# New Giant halfmoon



## Stone (Jan 6, 2013)

Here is a pic of Edward, a lucky find at petco. he is a bit fat, it was betta candy (brine shrimo and blood worm) day, He has been marbling he used to have yellow, now h is turning that peachy color on his fins


----------



## Stone (Jan 6, 2013)

Ohh and here is olvier, I do not remember if I posted a pic of him or not


----------



## hrutan (Jun 25, 2014)

Lovely! Thanks for sharing!


----------



## Schmoo (Oct 3, 2014)

Very pretty fish. :3


----------



## TerriGtoo (Jul 2, 2013)

Oh, he is gorgeous! I can't wait to see if he colors up even more. I love the peach in his fins. Please post more pics in future if he decides to change more. Is Oliver a giant too? Kind of hard to tell proportionately.


----------



## Magickarp05 (Nov 26, 2014)

Oh, what lovely fish! I love the coloring on Olvier's tall.

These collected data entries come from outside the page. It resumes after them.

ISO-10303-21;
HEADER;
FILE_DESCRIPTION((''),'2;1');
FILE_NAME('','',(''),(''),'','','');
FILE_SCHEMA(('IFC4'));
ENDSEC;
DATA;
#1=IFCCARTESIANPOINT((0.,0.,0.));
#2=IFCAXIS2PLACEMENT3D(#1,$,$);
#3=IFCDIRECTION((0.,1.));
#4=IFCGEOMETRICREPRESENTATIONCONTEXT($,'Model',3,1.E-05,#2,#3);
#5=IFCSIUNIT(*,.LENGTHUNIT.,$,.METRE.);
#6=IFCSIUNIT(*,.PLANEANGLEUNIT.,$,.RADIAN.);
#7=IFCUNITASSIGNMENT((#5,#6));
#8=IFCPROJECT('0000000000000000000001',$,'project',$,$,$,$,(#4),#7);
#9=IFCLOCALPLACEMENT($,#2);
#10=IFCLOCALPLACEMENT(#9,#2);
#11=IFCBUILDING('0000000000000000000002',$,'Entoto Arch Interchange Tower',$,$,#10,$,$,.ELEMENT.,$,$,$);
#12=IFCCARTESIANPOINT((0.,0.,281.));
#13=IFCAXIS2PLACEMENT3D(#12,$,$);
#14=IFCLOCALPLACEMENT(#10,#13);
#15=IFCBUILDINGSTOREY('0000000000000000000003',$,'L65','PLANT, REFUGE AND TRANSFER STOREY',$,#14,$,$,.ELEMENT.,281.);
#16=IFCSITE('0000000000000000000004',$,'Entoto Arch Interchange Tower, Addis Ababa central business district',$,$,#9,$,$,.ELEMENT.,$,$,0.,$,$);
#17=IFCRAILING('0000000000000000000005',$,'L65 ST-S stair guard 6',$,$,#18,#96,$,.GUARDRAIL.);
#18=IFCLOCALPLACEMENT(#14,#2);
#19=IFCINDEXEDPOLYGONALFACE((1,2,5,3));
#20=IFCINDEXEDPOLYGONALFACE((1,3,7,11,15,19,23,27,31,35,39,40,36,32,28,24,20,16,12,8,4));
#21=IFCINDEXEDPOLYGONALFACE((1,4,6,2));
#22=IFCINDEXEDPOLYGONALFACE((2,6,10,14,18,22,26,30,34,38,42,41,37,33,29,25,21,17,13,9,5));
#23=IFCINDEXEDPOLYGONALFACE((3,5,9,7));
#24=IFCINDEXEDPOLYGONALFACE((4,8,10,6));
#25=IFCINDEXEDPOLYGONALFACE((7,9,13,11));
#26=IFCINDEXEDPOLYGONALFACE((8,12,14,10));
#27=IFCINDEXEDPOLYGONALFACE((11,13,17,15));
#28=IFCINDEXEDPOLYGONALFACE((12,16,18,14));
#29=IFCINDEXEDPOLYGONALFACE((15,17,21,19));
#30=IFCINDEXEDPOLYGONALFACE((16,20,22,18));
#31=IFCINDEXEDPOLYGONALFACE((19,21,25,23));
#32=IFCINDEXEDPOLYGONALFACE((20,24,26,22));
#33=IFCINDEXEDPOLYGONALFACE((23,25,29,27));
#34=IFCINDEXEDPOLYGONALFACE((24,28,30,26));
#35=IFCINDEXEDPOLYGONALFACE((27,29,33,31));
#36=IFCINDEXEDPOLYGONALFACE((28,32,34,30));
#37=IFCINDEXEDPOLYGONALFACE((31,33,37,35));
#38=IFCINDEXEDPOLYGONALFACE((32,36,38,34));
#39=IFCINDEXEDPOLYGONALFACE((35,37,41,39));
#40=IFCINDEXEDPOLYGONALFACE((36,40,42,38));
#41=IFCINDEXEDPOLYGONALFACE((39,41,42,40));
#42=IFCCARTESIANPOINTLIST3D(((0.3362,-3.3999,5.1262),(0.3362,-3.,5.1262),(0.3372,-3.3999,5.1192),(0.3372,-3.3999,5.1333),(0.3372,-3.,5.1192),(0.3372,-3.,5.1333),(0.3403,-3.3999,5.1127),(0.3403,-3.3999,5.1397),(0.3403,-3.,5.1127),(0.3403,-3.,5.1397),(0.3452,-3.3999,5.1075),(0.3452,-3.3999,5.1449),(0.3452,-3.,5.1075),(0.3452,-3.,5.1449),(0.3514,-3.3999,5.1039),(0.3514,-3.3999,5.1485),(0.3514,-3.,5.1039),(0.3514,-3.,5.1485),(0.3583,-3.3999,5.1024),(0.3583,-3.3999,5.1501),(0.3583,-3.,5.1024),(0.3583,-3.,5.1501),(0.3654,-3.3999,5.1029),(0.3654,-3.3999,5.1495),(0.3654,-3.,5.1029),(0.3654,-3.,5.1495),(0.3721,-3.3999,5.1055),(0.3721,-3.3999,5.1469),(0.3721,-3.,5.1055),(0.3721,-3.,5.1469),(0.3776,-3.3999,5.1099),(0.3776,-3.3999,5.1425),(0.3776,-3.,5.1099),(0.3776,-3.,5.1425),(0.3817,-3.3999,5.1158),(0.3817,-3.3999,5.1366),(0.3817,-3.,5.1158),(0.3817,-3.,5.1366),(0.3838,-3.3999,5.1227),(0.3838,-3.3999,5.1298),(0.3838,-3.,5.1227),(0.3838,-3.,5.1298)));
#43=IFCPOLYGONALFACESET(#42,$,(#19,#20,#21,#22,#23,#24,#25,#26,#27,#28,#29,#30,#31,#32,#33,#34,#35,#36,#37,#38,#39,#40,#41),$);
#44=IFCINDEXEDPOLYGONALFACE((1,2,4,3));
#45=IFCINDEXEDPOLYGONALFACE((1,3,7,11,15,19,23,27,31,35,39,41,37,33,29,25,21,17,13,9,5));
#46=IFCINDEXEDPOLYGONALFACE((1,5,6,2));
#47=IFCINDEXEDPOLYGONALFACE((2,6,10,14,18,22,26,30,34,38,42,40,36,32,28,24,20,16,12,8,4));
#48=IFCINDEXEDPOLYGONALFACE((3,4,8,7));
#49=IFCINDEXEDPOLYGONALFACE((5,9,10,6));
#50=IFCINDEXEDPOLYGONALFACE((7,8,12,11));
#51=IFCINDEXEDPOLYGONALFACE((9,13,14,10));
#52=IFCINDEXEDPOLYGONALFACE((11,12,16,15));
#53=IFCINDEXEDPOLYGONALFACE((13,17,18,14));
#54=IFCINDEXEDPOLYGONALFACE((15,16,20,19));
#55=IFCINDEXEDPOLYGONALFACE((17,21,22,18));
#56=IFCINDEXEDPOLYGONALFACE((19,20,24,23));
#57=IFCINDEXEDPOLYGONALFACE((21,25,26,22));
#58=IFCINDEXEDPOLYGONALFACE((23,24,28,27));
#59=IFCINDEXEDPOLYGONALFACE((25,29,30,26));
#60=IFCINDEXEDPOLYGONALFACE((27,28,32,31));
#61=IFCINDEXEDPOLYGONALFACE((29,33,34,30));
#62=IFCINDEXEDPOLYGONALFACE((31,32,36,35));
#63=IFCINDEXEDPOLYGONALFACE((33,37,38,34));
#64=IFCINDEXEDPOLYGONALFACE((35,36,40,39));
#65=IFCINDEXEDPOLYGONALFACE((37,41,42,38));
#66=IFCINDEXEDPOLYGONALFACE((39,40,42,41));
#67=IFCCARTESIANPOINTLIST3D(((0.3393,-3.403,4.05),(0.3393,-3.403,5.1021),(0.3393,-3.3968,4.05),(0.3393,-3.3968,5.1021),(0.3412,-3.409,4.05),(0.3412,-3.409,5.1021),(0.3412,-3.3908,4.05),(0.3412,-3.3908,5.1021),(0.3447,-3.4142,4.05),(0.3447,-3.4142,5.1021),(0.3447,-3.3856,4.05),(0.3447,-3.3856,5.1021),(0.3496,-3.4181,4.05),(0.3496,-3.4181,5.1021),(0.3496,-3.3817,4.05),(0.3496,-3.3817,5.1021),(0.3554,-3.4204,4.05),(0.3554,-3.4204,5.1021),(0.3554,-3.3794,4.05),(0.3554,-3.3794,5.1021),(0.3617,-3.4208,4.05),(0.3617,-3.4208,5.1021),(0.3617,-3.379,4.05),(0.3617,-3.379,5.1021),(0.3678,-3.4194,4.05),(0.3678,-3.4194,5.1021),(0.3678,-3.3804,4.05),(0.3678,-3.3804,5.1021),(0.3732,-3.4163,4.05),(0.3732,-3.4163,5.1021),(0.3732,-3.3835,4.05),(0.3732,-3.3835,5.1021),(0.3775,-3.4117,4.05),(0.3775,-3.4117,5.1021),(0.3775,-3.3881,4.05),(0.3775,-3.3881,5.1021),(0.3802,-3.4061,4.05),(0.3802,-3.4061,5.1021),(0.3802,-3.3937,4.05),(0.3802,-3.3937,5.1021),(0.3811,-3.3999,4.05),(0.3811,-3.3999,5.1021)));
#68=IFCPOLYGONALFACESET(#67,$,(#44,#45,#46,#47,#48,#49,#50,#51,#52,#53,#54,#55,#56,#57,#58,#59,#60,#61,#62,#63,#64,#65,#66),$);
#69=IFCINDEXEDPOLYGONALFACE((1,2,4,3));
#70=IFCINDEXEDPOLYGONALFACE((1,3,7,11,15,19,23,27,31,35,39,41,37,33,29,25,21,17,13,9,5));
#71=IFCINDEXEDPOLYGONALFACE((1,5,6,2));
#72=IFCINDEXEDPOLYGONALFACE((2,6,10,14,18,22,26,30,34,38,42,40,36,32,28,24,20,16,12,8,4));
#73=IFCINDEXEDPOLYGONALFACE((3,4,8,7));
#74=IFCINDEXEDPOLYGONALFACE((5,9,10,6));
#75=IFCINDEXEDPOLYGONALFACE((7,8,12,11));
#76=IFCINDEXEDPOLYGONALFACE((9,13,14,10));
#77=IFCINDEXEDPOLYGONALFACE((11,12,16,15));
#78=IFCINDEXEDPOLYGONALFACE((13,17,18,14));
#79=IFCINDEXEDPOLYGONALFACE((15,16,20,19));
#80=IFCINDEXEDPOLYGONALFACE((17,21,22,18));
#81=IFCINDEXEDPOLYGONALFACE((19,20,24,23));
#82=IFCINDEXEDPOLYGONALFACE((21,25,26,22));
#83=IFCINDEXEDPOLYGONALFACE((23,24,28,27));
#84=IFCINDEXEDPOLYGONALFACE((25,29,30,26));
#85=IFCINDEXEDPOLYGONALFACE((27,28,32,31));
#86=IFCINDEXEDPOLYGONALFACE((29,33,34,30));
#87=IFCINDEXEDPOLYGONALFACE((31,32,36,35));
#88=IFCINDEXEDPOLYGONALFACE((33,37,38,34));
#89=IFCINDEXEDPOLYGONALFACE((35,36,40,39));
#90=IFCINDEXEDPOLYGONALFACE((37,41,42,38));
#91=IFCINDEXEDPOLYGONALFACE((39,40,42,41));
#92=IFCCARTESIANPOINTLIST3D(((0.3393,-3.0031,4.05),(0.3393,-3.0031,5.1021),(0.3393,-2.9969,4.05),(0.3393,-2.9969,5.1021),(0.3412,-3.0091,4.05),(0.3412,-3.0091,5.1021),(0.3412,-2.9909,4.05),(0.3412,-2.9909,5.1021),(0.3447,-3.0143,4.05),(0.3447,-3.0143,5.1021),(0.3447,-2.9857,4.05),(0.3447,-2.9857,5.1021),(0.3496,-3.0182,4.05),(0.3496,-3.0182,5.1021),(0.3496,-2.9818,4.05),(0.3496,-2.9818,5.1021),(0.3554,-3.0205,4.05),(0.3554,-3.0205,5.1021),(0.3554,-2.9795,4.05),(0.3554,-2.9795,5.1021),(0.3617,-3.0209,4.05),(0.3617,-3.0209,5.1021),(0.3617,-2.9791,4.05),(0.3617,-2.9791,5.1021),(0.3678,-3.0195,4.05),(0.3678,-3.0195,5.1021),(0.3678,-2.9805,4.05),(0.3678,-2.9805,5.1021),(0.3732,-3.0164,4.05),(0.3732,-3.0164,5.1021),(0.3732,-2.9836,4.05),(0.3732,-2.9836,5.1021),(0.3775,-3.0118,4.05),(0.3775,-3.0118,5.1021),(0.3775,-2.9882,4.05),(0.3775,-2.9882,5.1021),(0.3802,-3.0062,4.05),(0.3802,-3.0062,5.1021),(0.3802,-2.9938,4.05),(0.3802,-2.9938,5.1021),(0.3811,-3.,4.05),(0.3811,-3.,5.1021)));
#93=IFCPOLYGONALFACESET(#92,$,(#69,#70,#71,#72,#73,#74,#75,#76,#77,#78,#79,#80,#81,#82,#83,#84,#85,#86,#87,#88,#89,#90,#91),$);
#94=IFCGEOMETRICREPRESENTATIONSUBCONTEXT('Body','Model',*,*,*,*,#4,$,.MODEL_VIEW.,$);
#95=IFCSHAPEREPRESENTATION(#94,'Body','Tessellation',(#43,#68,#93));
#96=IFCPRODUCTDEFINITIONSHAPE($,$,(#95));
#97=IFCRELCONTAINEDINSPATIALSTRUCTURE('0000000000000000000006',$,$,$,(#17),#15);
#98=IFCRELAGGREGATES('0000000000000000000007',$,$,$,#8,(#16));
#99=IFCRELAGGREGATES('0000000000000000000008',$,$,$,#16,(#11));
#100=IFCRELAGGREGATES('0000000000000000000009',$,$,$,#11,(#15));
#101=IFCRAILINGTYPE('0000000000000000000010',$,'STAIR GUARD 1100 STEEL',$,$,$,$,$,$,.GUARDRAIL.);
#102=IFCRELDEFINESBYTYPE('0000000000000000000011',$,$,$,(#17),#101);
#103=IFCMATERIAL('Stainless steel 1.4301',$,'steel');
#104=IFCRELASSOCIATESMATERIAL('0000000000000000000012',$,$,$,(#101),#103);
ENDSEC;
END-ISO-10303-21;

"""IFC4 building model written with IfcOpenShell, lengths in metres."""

from ifc_helpers import new_model, si_unit, direction, frame, origin, origin_2d, place, context, subcontext, project, spatial, circle, extrude, material, type_object, element, save


model = new_model("IFC4")

# Units and contexts
model_context = context("Model", 3, precision=1e-05, world=origin(), true_north=direction((0.0, 1.0)))
body_context = subcontext(model_context, "Body", "Model", "MODEL_VIEW")
ifc_project = project(units=[si_unit("LENGTHUNIT", "METRE"), si_unit("PLANEANGLEUNIT", "RADIAN")], contexts=[model_context])

# Site, building, storey
site_placement = place(None, origin())
site = spatial("IfcSite", under=ifc_project, at=site_placement, Name="Entoto Arch Interchange Tower, Addis Ababa central business district", CompositionType="ELEMENT", RefElevation=0.0)
building_placement = place(site_placement, origin())
building = spatial("IfcBuilding", under=site, at=building_placement, Name="Entoto Arch Interchange Tower", CompositionType="ELEMENT")
storey_placement = place(building_placement, frame((0.0, 0.0, 281.0)))
storey = spatial("IfcBuildingStorey", under=building, at=storey_placement, Name="L65", Description="PLANT, REFUGE AND TRANSFER STOREY", CompositionType="ELEMENT", Elevation=281.0)

# Railing
ifc_material_1 = material(Name="Stainless steel 1.4301", Category="steel")
railing_type_1 = type_object("IfcRailingType", Name="STAIR GUARD 1100 STEEL", PredefinedType="GUARDRAIL", material=ifc_material_1)
railing_1_placement = place(storey_placement, frame((0.3601, -3.3999, 4.05)))
element("IfcRailing", 1, at=railing_1_placement, inside=storey, type_object=railing_type_1, Name="L65 ST-S stair guard 6", PredefinedType="GUARDRAIL", context=body_context, shape_type="SweptSolid", body=[
    extrude(circle(Radius=0.0239, at=origin_2d()), frame((0.0, 0.0, 1.0762), z_axis=(0.0, 1.0, 0.0), x_axis=(-1.0, 0.0, 0.0)), (0.0, 0.0, 1.0), 0.3999),
    extrude(circle(Radius=0.021, at=origin_2d()), origin(), (0.0, 0.0, 1.0), 1.052),
    extrude(circle(Radius=0.021, at=origin_2d()), frame((0.0, 0.3999, 0.0)), (0.0, 0.0, 1.0), 1.052),
])

save(model, "model.ifc")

I hope you post more pics of these two soon


----------



## fleetfish (Jun 29, 2010)

They're handsome beefcakes.


----------



## logisticsguy (Sep 7, 2012)

They look great! Wow what a find at Petco! Congrats Stone.


----------



## Stone (Jan 6, 2013)

Ty all, yes oliver is a giant too, he is actually bigger than edward, I have been lucky with finding some pretty awesome giants at petco, My first giant was from there and he made me love them, RIP elvis, I will always keep a giant or 2 around, One word fo caution to anyone getting a giant, be very careful on feeding them, they will eat till they pop


----------